We can see here that the predicted word for *'election'* is *'primaries'*, which can is a reasonably close word match - although certainly not perfect or correct. For *'attacked'* we see *'occupied'* as the predicted word, again, not correct but pretty close.

## Next Sentence Prediction

Next sentence prediction is slightly different. First, we need to define the two sequences, which we must split using a **\[SEP\]** token and differentiate using the `token_type_ids` tensor.

In [28]:
text = ("After Abraham Lincoln won the November 1860 presidential [MASK] on an "
        "anti-slavery platform, an initial seven slave states declared their "
        "secession from the country to form the Confederacy.")
text2 = ("War broke out in April 1861 when secessionist forces [MASK] Fort "
         "Sumter in South Carolina, just over a month after Lincoln's "
         "inauguration.")

In [29]:
inputs = tokenizer(text, text2, return_tensors="pt")

In [32]:
inputs

{'input_ids': tensor([[  101,  2044,  8181,  5367,  2180,  1996,  2281,  7313,  4883,   103,
          2006,  2019,  3424,  1011,  8864,  4132,  1010,  2019,  3988,  2698,
          6658,  2163,  4161,  2037, 22965,  2013,  1996,  2406,  2000,  2433,
          1996, 18179,  1012,   102,  2162,  3631,  2041,  1999,  2258,  6863,
          2043, 22965,  2923,  2749,   103,  3481,  7680,  3334,  1999,  2148,
          3792,  1010,  2074,  2058,  1037,  3204,  2044,  5367,  1005,  1055,
         17331,  1012,   102]]), 'token_type_ids': tensor([[0, 0, 0, 0, 0, 0, 0, 0, 0, 0, 0, 0, 0, 0, 0, 0, 0, 0, 0, 0, 0, 0, 0, 0,
         0, 0, 0, 0, 0, 0, 0, 0, 0, 0, 0, 0, 0, 0, 0, 0, 0, 0, 0, 0, 0, 0, 0, 0,
         0, 0, 0, 0, 0, 0, 0, 0, 0, 0, 0, 0, 0, 0, 0]]), 'attention_mask': tensor([[1, 1, 1, 1, 1, 1, 1, 1, 1, 1, 1, 1, 1, 1, 1, 1, 1, 1, 1, 1, 1, 1, 1, 1,
         1, 1, 1, 1, 1, 1, 1, 1, 1, 1, 1, 1, 1, 1, 1, 1, 1, 1, 1, 1, 1, 1, 1, 1,
         1, 1, 1, 1, 1, 1, 1, 1, 1, 1, 1, 1, 1, 1, 1]])}

In our `token_type_ids` tensor here we can see that there are **0** values where we have sentence A, followed by **1** values where we have sentence B. Additionally, in `input_ids`, we have the value **102** (the *SEP*erator token) seperating both tokens.

Both of these are done automatically by the tokenizer, and BERT relies on this when we work with multiple sequences, as we do for NSP.

Now we're ready to process the inputs through our model.

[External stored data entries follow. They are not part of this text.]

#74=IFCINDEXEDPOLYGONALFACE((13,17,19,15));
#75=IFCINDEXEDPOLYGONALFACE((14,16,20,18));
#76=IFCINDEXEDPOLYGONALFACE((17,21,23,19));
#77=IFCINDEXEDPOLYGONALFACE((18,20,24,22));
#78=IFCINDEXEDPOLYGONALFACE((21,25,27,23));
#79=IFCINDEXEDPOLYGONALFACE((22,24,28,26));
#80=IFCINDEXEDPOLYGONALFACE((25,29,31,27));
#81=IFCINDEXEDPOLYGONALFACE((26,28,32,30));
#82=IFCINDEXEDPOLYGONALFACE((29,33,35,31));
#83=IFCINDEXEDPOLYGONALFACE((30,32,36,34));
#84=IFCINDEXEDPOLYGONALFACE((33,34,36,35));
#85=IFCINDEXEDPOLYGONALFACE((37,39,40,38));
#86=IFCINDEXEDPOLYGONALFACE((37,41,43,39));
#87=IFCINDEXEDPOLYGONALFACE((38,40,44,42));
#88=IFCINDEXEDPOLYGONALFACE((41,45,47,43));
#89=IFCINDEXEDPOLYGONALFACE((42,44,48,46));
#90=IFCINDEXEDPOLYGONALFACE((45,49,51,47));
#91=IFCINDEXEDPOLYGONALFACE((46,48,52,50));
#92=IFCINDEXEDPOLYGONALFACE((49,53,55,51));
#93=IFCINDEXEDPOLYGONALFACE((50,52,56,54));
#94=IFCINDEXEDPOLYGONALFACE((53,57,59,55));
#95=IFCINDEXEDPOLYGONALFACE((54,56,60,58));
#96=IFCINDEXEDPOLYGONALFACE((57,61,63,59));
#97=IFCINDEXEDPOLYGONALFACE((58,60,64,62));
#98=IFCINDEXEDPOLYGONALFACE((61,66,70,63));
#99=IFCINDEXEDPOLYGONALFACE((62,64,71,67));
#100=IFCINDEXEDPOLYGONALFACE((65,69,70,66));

Originally we output `outputs.seq_relationship_logits` as:

```
tensor([[ 2.8256, -1.6897]], grad_fn=<AddmmBackward>)
```

However, we hadn't setup our inputs correctly, so we should now see a change in these logits.

In [47]:
outputs = model(**inputs)

In [48]:
outputs.seq_relationship_logits

tensor([[ 6.0915, -5.6939]], grad_fn=<AddmmBackward>)

Great, now we process them through a argmax function to get 0/1  as to whether sentence B follows sentence A (marked by `0` in `token_type_ids`).

In [71]:
argmax = torch.argmax(outputs.seq_relationship_logits)  # get index of the max activation

In [74]:
argmax

tensor(0)

Index **0** represents BERTs *IsNext* class, meaning that sentence B *is the next* sentence after A. Index **1** represents the *NotNext* class, meaning sentence B is *not* the next sentence after B. We can write this as:

In [75]:
'NotNext' if argmax.item() else 'IsNext' 

'IsNext'

From this, we can see that our model is correctly identifying the two sentences as a pair.